This isn’t lost on London’s electorate either. Ashcroft Polling, carried out in November last year, shows that the top five issues facing the capital include affordable housing, the economy and jobs, and reducing crime. These have arguably become key battlegrounds for the two leading London mayoral hopefuls, Sadiq Khan (Labour) and Susan Hall (Conservative), come 2 May.

While there’s no silver bullet to addressing these challenges, some of the capital’s biggest ‘regeneration, transformation and placemaking’ schemes can, and have, provided a much-needed shot in the arm for some of the city’s most deprived areas.

Take the story of Kings Cross - an area previously known for its buzzing nightlife and as a hub of creativity, was also simultaneously a symbol of blight and decay, with high levels of crime, unemployment and disused buildings, warehouses and contaminated land.

Step forward Related Argent in 2001*, and over two decades later, Kings Cross is now one of the most celebrated redevelopments in the world, with thousands of new homes (including affordable), jobs, places to eat and shop, new public parks and squares and much more.

Related Argent’s rescue package is just one of many examples that show how developers – with the right vision, plan and expertise – can meet some of the key challenges facing London today. It’s little surprise, then, that the wider project is held up as an exemplar, to be replicated elsewhere.

It’s therefore natural to think that backing major ‘regeneration’ projects could translate into lots of votes for the two main mayoral candidates.

However, after working in the industry for almost a decade, it’s not as simple as that.

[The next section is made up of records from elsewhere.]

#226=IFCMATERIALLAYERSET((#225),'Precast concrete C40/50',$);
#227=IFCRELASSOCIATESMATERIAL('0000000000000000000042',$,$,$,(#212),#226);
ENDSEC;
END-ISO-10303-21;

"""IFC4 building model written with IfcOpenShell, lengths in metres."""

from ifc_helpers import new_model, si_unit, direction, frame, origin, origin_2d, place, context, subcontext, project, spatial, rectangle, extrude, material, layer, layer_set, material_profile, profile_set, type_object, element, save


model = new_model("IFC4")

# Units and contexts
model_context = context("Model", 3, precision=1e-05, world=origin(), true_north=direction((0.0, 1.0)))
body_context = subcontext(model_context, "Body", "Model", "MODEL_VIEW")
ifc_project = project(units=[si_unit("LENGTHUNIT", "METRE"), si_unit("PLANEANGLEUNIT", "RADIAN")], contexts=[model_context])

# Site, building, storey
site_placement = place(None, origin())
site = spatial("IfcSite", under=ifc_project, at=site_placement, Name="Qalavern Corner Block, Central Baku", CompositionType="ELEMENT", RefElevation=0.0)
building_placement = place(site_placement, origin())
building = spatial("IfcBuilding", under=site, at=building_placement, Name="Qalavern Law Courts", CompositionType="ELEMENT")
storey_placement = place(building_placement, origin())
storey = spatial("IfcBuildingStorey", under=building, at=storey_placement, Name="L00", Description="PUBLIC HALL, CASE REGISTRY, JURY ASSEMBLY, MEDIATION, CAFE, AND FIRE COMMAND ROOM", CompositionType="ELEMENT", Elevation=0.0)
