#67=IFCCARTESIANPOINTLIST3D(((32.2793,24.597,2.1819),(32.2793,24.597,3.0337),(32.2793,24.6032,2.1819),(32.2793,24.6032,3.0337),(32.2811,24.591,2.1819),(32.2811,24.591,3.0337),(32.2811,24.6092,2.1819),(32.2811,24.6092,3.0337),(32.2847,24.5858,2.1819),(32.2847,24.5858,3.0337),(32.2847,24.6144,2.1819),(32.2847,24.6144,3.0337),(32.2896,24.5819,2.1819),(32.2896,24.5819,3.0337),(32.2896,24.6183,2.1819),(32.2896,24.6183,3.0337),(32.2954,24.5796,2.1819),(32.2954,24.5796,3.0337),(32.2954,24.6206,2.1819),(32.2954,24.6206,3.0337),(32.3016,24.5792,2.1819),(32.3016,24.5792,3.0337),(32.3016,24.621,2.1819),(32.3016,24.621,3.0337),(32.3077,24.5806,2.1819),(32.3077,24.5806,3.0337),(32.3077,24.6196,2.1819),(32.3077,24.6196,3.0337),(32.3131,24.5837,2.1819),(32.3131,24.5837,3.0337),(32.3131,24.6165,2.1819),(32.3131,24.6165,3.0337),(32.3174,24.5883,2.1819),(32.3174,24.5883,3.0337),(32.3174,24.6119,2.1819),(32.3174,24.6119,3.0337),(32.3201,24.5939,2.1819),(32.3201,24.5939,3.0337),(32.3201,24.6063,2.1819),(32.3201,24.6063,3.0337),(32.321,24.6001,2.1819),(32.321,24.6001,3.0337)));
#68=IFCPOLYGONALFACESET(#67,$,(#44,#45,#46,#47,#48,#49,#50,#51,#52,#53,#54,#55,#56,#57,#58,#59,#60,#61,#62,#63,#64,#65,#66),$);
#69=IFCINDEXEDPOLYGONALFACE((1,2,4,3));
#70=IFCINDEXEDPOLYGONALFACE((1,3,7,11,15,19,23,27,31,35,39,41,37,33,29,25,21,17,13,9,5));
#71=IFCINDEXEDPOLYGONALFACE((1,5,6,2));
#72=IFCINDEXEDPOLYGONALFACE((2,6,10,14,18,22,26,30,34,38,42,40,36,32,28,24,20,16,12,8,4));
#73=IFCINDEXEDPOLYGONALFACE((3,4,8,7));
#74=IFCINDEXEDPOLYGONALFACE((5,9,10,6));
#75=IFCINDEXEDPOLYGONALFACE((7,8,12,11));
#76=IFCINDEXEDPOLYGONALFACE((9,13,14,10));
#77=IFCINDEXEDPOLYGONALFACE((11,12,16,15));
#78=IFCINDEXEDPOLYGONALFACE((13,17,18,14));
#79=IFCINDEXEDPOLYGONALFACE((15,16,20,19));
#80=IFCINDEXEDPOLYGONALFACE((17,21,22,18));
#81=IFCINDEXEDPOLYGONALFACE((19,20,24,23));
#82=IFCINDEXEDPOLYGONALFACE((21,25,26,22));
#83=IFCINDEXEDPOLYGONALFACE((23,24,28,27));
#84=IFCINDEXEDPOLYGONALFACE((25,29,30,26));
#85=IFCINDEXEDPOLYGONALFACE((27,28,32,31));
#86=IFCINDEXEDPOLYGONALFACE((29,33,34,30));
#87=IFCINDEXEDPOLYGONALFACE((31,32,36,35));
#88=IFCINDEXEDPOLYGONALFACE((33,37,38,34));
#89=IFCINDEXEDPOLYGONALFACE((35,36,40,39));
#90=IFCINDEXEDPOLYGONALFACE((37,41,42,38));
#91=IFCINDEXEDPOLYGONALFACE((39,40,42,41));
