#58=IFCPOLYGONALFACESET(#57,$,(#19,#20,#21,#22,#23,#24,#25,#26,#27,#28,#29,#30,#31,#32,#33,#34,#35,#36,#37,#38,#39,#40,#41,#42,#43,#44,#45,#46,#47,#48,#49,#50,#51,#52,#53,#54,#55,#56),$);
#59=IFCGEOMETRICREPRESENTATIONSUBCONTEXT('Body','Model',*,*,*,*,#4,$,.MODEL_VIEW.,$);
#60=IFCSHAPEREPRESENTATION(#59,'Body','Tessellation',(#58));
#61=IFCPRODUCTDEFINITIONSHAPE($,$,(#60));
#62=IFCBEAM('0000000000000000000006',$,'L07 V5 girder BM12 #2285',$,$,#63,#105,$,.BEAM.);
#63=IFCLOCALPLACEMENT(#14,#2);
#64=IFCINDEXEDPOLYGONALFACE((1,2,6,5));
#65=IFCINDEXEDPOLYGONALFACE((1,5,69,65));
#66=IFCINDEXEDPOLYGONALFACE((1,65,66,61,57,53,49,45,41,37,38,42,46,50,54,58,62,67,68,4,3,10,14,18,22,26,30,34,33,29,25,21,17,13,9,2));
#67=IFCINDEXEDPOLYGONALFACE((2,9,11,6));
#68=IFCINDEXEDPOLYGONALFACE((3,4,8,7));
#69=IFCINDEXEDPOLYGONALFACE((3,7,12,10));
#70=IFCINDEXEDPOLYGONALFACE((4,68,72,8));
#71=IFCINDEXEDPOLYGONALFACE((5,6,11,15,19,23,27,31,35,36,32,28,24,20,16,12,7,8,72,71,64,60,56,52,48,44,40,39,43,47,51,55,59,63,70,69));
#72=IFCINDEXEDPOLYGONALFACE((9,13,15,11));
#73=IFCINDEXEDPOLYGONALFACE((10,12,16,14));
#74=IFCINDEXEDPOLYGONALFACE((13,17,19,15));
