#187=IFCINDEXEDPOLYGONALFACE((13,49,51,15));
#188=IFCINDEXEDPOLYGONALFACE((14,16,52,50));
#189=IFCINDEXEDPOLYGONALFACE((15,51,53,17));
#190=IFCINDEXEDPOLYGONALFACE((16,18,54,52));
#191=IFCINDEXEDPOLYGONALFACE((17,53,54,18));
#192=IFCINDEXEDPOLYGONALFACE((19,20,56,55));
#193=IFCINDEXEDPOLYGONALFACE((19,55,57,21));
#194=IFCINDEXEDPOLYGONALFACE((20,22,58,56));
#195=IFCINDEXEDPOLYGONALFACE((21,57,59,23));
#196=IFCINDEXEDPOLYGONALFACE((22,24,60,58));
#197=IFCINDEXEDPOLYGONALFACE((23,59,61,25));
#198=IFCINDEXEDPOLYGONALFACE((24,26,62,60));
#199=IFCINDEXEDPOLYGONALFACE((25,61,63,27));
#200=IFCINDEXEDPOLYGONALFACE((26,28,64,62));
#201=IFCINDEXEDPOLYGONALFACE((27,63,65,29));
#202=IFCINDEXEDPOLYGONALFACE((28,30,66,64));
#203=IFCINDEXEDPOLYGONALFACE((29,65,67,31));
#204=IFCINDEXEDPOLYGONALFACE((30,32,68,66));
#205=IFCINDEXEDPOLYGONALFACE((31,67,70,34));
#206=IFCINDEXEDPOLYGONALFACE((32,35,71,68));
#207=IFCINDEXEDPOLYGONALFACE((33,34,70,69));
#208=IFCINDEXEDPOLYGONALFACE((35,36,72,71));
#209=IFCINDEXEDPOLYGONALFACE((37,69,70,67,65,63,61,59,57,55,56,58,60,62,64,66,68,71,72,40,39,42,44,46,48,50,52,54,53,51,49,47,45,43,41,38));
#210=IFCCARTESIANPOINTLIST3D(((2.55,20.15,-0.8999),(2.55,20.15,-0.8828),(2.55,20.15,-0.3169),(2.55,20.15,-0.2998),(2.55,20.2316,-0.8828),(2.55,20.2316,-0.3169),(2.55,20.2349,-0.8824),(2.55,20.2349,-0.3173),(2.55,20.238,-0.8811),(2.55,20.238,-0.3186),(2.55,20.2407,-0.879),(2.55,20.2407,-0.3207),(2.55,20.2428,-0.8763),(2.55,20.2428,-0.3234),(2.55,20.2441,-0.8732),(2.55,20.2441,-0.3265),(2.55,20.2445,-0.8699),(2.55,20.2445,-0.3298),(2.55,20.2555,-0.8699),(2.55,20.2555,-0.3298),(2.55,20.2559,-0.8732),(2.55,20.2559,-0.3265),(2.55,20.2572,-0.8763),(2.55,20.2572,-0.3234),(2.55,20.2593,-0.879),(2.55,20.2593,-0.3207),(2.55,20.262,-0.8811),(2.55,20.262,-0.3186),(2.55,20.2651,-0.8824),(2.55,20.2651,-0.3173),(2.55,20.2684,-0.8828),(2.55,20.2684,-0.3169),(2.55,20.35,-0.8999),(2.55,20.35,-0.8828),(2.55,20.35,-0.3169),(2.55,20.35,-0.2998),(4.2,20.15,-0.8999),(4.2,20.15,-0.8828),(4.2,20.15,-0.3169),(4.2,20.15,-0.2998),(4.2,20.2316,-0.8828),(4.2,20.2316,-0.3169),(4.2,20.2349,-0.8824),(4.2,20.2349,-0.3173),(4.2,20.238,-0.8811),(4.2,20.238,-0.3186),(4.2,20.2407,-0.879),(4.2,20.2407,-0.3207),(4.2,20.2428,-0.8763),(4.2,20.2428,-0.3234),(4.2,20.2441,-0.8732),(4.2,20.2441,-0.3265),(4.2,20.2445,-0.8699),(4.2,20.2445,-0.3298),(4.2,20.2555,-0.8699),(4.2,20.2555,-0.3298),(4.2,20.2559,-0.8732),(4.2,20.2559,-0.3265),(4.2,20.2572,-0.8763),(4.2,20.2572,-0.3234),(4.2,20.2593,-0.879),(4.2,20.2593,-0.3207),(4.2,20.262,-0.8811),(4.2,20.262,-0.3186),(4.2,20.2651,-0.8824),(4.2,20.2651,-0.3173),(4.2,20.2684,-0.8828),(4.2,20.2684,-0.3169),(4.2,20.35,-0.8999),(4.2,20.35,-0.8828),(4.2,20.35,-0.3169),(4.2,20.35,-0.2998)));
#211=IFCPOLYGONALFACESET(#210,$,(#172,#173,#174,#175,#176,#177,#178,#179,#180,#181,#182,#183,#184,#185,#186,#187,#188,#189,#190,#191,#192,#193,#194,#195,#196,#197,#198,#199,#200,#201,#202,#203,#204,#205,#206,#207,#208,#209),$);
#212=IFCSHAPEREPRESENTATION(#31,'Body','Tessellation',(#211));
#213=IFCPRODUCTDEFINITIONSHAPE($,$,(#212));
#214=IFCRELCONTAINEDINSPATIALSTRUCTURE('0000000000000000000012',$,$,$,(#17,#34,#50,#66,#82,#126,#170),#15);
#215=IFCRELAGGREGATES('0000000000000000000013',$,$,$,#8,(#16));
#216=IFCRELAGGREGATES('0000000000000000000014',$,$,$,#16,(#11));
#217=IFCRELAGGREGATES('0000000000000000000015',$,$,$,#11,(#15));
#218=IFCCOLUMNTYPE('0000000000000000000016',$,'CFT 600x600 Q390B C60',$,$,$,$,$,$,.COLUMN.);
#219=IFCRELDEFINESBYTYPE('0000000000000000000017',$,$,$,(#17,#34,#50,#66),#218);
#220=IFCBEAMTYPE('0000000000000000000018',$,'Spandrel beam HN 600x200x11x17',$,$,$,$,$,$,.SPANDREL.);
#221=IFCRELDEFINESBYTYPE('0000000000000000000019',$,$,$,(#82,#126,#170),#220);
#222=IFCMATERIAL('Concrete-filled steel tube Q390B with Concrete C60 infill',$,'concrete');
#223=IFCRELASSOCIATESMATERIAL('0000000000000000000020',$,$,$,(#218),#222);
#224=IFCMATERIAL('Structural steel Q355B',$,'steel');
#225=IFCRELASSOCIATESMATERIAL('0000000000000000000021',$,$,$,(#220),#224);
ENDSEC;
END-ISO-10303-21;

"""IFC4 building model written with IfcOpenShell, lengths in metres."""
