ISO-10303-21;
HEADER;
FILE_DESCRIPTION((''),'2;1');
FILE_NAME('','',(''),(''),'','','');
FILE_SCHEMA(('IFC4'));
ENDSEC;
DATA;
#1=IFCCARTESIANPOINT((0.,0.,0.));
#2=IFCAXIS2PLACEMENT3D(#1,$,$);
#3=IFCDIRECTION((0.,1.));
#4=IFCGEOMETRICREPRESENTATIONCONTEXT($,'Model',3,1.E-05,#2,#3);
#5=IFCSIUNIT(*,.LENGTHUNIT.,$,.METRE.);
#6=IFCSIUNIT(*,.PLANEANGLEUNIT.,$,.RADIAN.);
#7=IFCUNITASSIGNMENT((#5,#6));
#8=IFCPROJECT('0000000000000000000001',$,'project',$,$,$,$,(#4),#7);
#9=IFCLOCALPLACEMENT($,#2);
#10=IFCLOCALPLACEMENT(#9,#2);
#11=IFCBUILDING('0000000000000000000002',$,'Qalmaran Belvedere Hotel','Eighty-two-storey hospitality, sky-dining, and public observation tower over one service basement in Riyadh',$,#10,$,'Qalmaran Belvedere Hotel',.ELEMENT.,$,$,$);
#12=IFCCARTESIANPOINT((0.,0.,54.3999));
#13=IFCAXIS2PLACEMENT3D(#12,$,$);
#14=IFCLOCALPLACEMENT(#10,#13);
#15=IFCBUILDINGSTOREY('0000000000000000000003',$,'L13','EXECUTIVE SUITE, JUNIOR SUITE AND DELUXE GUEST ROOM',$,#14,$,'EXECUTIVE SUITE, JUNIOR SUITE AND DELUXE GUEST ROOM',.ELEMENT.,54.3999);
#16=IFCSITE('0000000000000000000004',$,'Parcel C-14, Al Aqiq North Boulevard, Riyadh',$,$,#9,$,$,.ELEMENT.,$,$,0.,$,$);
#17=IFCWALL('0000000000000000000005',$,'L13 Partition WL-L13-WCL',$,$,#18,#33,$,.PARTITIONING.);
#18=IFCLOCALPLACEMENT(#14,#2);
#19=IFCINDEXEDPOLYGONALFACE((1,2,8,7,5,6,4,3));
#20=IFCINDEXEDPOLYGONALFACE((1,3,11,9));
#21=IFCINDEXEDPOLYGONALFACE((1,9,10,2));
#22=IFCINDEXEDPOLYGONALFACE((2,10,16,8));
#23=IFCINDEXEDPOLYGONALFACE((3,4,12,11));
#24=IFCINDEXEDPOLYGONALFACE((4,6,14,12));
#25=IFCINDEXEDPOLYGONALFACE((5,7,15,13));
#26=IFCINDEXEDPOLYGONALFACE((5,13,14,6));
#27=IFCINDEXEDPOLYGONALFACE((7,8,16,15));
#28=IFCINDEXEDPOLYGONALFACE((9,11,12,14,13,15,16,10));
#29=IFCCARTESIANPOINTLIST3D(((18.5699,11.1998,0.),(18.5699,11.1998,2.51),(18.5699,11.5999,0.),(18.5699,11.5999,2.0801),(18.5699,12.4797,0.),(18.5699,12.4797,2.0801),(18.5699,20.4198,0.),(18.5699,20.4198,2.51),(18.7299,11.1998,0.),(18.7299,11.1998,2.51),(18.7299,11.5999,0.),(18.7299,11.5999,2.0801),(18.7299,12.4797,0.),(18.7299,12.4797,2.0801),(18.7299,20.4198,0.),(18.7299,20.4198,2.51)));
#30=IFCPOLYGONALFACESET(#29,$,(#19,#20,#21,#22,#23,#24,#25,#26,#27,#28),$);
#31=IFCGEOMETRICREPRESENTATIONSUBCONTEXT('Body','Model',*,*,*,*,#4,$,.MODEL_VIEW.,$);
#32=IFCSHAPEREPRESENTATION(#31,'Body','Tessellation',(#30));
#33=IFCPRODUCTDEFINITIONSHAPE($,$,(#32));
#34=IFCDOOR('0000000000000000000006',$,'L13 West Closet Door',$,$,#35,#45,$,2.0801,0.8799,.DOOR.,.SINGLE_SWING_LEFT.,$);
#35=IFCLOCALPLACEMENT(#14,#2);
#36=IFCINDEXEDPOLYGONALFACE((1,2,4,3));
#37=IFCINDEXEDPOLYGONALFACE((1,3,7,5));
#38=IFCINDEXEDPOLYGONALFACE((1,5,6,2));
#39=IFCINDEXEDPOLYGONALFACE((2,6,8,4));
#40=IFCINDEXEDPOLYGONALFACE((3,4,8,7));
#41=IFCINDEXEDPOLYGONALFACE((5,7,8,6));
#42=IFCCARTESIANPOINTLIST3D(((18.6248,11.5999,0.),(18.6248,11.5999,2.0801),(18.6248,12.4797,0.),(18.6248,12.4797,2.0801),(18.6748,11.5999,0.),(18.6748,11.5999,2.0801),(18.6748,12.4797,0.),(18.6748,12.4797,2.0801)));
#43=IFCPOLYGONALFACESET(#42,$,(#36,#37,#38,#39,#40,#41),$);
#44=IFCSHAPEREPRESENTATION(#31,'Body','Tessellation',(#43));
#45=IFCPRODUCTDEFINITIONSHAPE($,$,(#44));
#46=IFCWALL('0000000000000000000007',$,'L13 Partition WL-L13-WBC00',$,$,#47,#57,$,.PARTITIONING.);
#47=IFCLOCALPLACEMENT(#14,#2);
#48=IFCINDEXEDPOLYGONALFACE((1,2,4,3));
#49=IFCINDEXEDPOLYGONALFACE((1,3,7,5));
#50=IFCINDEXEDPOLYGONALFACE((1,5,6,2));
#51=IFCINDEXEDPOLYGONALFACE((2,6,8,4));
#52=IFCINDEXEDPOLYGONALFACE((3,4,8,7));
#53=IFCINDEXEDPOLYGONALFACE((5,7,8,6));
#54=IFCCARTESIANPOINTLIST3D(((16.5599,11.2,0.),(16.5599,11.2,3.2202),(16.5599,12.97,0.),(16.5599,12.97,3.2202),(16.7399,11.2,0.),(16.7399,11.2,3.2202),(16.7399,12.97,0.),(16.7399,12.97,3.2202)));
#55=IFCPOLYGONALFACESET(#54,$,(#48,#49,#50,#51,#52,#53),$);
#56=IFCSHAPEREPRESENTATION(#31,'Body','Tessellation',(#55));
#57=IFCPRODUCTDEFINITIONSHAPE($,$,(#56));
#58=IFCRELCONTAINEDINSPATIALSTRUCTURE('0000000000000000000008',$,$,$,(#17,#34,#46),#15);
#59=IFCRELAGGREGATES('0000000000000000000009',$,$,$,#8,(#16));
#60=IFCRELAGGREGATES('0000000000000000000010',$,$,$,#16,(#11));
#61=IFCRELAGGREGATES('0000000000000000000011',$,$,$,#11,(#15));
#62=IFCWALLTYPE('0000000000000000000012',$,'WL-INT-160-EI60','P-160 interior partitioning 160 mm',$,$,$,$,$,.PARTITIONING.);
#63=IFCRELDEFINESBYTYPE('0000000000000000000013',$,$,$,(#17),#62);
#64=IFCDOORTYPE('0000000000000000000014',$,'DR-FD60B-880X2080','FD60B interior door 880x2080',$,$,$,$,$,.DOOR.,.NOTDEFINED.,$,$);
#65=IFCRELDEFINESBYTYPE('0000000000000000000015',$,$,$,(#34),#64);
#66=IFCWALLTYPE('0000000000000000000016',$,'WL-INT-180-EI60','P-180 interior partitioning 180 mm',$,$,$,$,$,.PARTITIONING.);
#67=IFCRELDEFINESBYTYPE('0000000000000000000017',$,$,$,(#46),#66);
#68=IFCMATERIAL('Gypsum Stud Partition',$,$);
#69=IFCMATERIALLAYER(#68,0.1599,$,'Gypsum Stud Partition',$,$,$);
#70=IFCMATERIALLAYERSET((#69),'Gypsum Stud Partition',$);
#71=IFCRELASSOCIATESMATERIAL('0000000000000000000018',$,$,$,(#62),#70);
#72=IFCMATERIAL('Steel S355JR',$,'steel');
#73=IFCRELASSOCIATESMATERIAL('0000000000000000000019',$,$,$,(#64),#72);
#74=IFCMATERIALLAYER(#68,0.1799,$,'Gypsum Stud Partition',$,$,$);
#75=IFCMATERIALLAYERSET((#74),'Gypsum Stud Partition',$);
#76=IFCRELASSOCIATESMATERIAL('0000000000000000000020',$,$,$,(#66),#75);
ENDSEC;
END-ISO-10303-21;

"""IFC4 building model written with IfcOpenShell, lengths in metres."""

from ifc_helpers import new_model, si_unit, direction, frame, frame_2d, origin, place, context, subcontext, project, spatial, rectangle, extrude, material, layer, layer_set, type_object, element, fill, save


model = new_model("IFC4")

# Units and contexts
model_context = context("Model", 3, precision=1e-05, world=origin(), true_north=direction((0.0, 1.0)))
body_context = subcontext(model_context, "Body", "Model", "MODEL_VIEW")
ifc_project = project(units=[si_unit("LENGTHUNIT", "METRE"), si_unit("PLANEANGLEUNIT", "RADIAN")], contexts=[model_context])

# Site, building, storey
site_placement = place(None, origin())
site = spatial("IfcSite", under=ifc_project, at=site_placement, Name="Parcel C-14, Al Aqiq North Boulevard, Riyadh", CompositionType="ELEMENT", RefElevation=0.0)
building_placement = place(site_placement, origin())
building = spatial("IfcBuilding", under=site, at=building_placement, Name="Qalmaran Belvedere Hotel", Description="Eighty-two-storey hospitality, sky-dining, and public observation tower over one service basement in Riyadh", LongName="Qalmaran Belvedere Hotel", CompositionType="ELEMENT")
storey_placement = place(building_placement, frame((0.0, 0.0, 54.3999)))
storey = spatial("IfcBuildingStorey", under=building, at=storey_placement, Name="L13", Description="EXECUTIVE SUITE, JUNIOR SUITE AND DELUXE GUEST ROOM", LongName="EXECUTIVE SUITE, JUNIOR SUITE AND DELUXE GUEST ROOM", CompositionType="ELEMENT", Elevation=54.3999)

# Shared definitions
ifc_material_1 = material(Name="Steel S355JR", Category="steel")

# Wall, opening, door
ifc_material_2 = material(Name="Gypsum Stud Partition")
ifc_layer_1 = layer(ifc_material_2, 0.1599, Name="Gypsum Stud Partition")
ifc_layer_set_1 = layer_set([ifc_layer_1], Name="Gypsum Stud Partition")
wall_type_1 = type_object("IfcWallType", Name="WL-INT-160-EI60", Description="P-160 interior partitioning 160 mm", PredefinedType="PARTITIONING", material=ifc_layer_set_1)
wall_1_placement = place(storey_placement, frame((18.6499, 11.2, 0.0), z_axis=(0.0, 0.0, 1.0), x_axis=(0.0, 1.0, 0.0)))
wall_1 = element("IfcWall", 1, at=wall_1_placement, inside=storey, type_object=wall_type_1, Name="L13 Partition WL-L13-WCL", PredefinedType="PARTITIONING", context=body_context, shape_type="SweptSolid", body=[
    extrude(rectangle(XDim=9.22, YDim=0.1599, at=frame_2d((4.6099, 0.0))), origin(), (0.0, 0.0, 1.0), 2.51),
])
opening_1_placement = place(wall_1_placement, frame((1.2798, 0.0, 0.0), z_axis=(0.0, 0.0, 1.0), x_axis=(-1.0, 0.0, 0.0)))
opening_1 = element("IfcOpeningElement", 2, at=opening_1_placement, cuts=wall_1, PredefinedType="OPENING", context=body_context, shape_type="SweptSolid", body=[
    extrude(rectangle(XDim=0.8799, YDim=2.0801, at=frame_2d((0.4399, 1.04))), frame((0.0, 0.0898, 0.0), z_axis=(0.0, -1.0, 0.0), x_axis=(1.0, 0.0, 0.0)), (0.0, 0.0, 1.0), 0.1799),
])
door_type_1 = type_object("IfcDoorType", Name="DR-FD60B-880X2080", Description="FD60B interior door 880x2080", OperationType="NOTDEFINED", PredefinedType="DOOR", material=ifc_material_1)
door_1_placement = place(opening_1_placement, origin())
door_1 = element("IfcDoor", 3, at=door_1_placement, inside=storey, type_object=door_type_1, Name="L13 West Closet Door", OperationType="SINGLE_SWING_LEFT", OverallHeight=2.0801, OverallWidth=0.8799, PredefinedType="DOOR", context=body_context, shape_type="SweptSolid", body=[
    extrude(rectangle(XDim=0.8799, YDim=2.0801, at=frame_2d((0.4399, 1.04))), frame((0.0, 0.0249, 0.0), z_axis=(0.0, -1.0, 0.0), x_axis=(1.0, 0.0, 0.0)), (0.0, 0.0, 1.0), 0.05),
])
fill(opening_1, door_1)

# Wall
ifc_layer_2 = layer(ifc_material_2, 0.1799, Name="Gypsum Stud Partition")
ifc_layer_set_2 = layer_set([ifc_layer_2], Name="Gypsum Stud Partition")
wall_type_2 = type_object("IfcWallType", Name="WL-INT-180-EI60", Description="P-180 interior partitioning 180 mm", PredefinedType="PARTITIONING", material=ifc_layer_set_2)
wall_2_placement = place(storey_placement, frame((16.6499, 11.2, 0.0), z_axis=(0.0, 0.0, 1.0), x_axis=(0.0, 1.0, 0.0)))
element("IfcWall", 4, at=wall_2_placement, inside=storey, type_object=wall_type_2, Name="L13 Partition WL-L13-WBC00", PredefinedType="PARTITIONING", context=body_context, shape_type="SweptSolid", body=[
    extrude(rectangle(XDim=1.77, YDim=0.1799, at=frame_2d((0.885, 0.0))), origin(), (0.0, 0.0, 1.0), 3.2202),
])

save(model, "model.ifc")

While Londoners are generally more positive about building new homes in their area than in other parts of the country, without naming and shaming, we’ve seen some ‘placemaking’ schemes where existing communities feel disenfranchised, disconnected and disengaged (basically any word beginning with ‘dis’). There are valid fears among some communities that big regeneration schemes could see the local population displaced, while the changing character could force up the cost of living , creating anxiety.

It’s a question we’re constantly asked by residents across our work – ‘what’s in it for them?’ – which can lead to some local politicians feeling uneasy about the impact this is having on the communities they represent. In turn, some may become agitated about change, forcing them to potentially oppose truly positive, transformative developments for political survival

On that note, we haven’t heard much so far from Khan or Hall on their thoughts on ‘regeneration, transformation and placemaking’ , and how this has impacted the relationship between new and existing communities.

Khan has perhaps demonstrated this in action more than words and, as the incumbent, has a bit of a natural head start over his main rival, with the London Plan and its Opportunity Areas setting out his stall for the capital.

Partnering with developers to transform many of the Greater London Authority’s landholdings is also a vital part of his ‘regeneration’ ambitions. Prime and recent examples include the likes of TwelveTrees Park in Newham, which is being delivered alongside Berkeley Homes**as well as the GLA’s recent call out for development partners to deliver the next phase of the Royal Docks.***

Striking the right balance between delivering the homes and jobs the capital needs through these big schemes, while simultaneously working to bring existing communities and potential core voters along the journey with them, will be something both main candidates will need to grapple with.

I suspect whoever deals with this the best will only help their chances come polling day – and I’m sure our clients and associates will be keeping a beady eye out for any manifesto titbits and potential policies filtering out over the weeks and months ahead.  

*Shameless plug, we’ve supported Related Argent on this project for almost 25 years…

**Another shameless plug I’m afraid – we’re working with Berkeley Homes too.  

***I have unashamedly chosen mega projects across east London, where we have real expertise in.